Enhancing Predictive Accuracy in Cardiovascular Disease Diagnosis: A Hybrid Approach Using RFAP Feature Selection and Random Forest Modeling
Vikram Pasupuleti, Bharadwaj Thuraka, Chandra Shikhi Kodete, V Priyadarshini, Koti Mani Kumar Tirumanadham, Vahiduddin Shariff
Abstract
Cardiovascular disease remains one of the leading causes of death all over the world and is characterized by ailments affecting cardiovascular structures, such as the heart failure, arrhythmia, and coronary artery diseases.
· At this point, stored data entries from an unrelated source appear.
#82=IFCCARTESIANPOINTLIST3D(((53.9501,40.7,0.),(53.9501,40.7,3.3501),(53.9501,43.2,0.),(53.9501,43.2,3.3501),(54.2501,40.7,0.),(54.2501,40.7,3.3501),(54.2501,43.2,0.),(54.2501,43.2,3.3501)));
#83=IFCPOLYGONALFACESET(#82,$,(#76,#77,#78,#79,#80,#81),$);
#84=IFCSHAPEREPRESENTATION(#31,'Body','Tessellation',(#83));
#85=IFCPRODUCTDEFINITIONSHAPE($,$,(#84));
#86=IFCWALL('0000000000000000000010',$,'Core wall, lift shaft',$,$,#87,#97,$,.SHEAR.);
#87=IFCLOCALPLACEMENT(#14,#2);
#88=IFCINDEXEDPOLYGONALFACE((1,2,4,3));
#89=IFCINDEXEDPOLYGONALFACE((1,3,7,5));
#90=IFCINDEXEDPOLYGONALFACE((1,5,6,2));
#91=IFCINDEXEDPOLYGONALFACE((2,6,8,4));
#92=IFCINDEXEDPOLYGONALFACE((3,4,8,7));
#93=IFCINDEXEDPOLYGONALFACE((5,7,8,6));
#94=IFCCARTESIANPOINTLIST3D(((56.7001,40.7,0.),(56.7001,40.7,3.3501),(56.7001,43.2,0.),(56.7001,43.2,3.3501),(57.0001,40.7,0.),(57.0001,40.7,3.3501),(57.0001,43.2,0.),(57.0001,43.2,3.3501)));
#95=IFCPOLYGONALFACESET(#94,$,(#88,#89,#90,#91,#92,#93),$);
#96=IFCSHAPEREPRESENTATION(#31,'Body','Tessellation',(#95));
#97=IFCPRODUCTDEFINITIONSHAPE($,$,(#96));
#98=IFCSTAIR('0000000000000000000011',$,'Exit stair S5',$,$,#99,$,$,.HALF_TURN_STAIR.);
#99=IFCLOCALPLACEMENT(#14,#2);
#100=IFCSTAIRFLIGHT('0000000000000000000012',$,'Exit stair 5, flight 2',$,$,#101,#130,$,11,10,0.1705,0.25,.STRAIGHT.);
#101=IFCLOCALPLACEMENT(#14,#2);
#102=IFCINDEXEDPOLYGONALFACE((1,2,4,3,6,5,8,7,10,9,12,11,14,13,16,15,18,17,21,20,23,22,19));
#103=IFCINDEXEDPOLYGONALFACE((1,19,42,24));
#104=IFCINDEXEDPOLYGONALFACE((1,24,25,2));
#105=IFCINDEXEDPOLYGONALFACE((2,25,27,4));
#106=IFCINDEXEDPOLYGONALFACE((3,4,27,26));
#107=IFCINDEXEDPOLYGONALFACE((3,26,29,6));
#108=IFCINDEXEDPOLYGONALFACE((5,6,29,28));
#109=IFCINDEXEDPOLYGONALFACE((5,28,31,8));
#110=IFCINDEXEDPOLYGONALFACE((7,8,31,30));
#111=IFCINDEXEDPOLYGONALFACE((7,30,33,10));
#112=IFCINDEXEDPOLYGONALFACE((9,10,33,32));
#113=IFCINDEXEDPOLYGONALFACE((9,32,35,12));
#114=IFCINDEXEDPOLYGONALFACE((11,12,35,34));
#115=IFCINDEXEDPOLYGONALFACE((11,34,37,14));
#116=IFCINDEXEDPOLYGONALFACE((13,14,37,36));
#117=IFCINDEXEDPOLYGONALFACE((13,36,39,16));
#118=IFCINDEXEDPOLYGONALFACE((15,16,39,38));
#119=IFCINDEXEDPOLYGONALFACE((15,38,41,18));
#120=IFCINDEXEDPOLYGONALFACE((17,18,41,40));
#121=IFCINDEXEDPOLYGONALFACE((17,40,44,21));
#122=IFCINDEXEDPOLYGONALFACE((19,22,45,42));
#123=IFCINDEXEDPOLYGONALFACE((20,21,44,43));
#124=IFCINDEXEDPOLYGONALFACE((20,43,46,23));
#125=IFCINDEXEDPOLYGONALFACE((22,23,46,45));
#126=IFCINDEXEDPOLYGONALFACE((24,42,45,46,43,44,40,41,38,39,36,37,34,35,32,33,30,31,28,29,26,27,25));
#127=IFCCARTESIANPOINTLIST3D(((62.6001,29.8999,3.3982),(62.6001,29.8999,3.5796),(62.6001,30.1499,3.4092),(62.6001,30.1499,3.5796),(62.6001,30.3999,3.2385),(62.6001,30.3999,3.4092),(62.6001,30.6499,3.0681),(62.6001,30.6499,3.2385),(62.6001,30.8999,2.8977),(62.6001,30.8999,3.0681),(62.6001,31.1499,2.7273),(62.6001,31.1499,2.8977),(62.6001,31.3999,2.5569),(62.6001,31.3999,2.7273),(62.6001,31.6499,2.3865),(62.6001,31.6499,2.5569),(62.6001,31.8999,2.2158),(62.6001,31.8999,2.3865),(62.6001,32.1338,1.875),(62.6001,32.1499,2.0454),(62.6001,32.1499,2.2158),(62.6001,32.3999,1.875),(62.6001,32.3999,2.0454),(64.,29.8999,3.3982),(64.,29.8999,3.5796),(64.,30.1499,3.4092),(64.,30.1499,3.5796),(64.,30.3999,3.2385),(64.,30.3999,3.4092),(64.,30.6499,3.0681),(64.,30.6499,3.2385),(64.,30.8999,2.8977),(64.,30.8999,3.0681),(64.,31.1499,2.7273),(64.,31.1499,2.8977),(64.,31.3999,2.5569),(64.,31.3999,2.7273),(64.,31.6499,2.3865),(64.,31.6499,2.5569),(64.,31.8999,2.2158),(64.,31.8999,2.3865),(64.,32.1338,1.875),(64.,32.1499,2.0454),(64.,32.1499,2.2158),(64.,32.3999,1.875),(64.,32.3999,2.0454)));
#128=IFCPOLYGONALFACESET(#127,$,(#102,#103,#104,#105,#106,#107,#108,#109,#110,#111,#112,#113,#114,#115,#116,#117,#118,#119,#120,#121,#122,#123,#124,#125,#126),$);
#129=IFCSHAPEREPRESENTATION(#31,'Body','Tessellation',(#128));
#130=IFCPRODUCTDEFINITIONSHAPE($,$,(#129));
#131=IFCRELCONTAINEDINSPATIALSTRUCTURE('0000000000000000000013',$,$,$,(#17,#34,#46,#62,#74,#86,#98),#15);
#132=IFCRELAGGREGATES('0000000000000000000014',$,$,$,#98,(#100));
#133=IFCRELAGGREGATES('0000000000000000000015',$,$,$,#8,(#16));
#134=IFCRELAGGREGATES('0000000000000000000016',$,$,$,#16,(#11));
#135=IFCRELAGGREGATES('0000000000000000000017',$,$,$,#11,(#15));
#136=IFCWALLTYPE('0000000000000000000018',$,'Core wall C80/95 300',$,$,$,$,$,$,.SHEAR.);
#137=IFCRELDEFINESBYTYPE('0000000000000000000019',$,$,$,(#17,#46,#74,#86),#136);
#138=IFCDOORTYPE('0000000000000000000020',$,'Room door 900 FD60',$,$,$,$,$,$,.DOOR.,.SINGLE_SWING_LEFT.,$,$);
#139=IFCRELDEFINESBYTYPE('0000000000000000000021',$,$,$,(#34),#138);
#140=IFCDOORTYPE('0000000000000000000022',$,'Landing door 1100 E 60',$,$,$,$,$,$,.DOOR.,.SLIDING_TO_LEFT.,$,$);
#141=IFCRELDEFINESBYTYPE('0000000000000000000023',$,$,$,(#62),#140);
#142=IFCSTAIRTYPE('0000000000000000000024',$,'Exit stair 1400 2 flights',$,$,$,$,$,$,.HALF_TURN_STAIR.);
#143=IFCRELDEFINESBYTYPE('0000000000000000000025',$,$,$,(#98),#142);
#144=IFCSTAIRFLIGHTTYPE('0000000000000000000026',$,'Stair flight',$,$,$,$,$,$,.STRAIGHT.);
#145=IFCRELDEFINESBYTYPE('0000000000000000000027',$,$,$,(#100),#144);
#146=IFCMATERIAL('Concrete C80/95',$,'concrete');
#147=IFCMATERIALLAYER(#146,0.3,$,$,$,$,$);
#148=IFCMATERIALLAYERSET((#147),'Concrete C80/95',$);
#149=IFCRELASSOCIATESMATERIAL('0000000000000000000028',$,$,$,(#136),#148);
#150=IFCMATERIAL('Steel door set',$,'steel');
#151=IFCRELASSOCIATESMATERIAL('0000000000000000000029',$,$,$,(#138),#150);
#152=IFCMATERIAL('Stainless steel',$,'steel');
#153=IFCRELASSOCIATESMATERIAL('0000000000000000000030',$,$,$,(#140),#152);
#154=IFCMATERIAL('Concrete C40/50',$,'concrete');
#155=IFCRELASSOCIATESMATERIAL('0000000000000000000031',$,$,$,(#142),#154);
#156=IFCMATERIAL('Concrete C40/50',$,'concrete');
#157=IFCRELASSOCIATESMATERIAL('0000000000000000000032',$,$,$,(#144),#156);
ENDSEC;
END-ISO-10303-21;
It has multiple roots based on genetic influences on the disease, meals, drinks, physical inactivity, or presence of other diseases including hypertension, and diabetes. Heart diseases are still rampant in the world despite the development in the research on diseases and in healthcare. This is mainly because of the increasing average life span of individuals as well as increased cases of urbanization and adoption of poor-quality diets and leading inactive or sedentary lives. Such problems further escalate due to shortcomings in healthcare provision and preventive options by socioeconomic differences, especially affecting the needy populace. Hence, there is a rising focus on using complex technologies such as artifices and machine intelligence, along with big data analytics and predictive models, in handling these issues. These methodologies utilize computational methods and large-scale data to enhance risk assessment, optimize treatment pathways, and alleviate the overall burden of cardiac disease on healthcare systems and individuals. The concentration of this research is on the systematic application of rigorous data preprocessing, class imbalance correction using techniques such as SMOTE, and outlier management using methods such as IQR, in order to improve the effectiveness of predictive modelling. This study intends to improve predictive accuracy and model generalizability, thereby contributing to improvements in healthcare decision-making and patient care outcomes, by utilizing the RFAP hybrid technique for feature selection and Random Forest for modelling.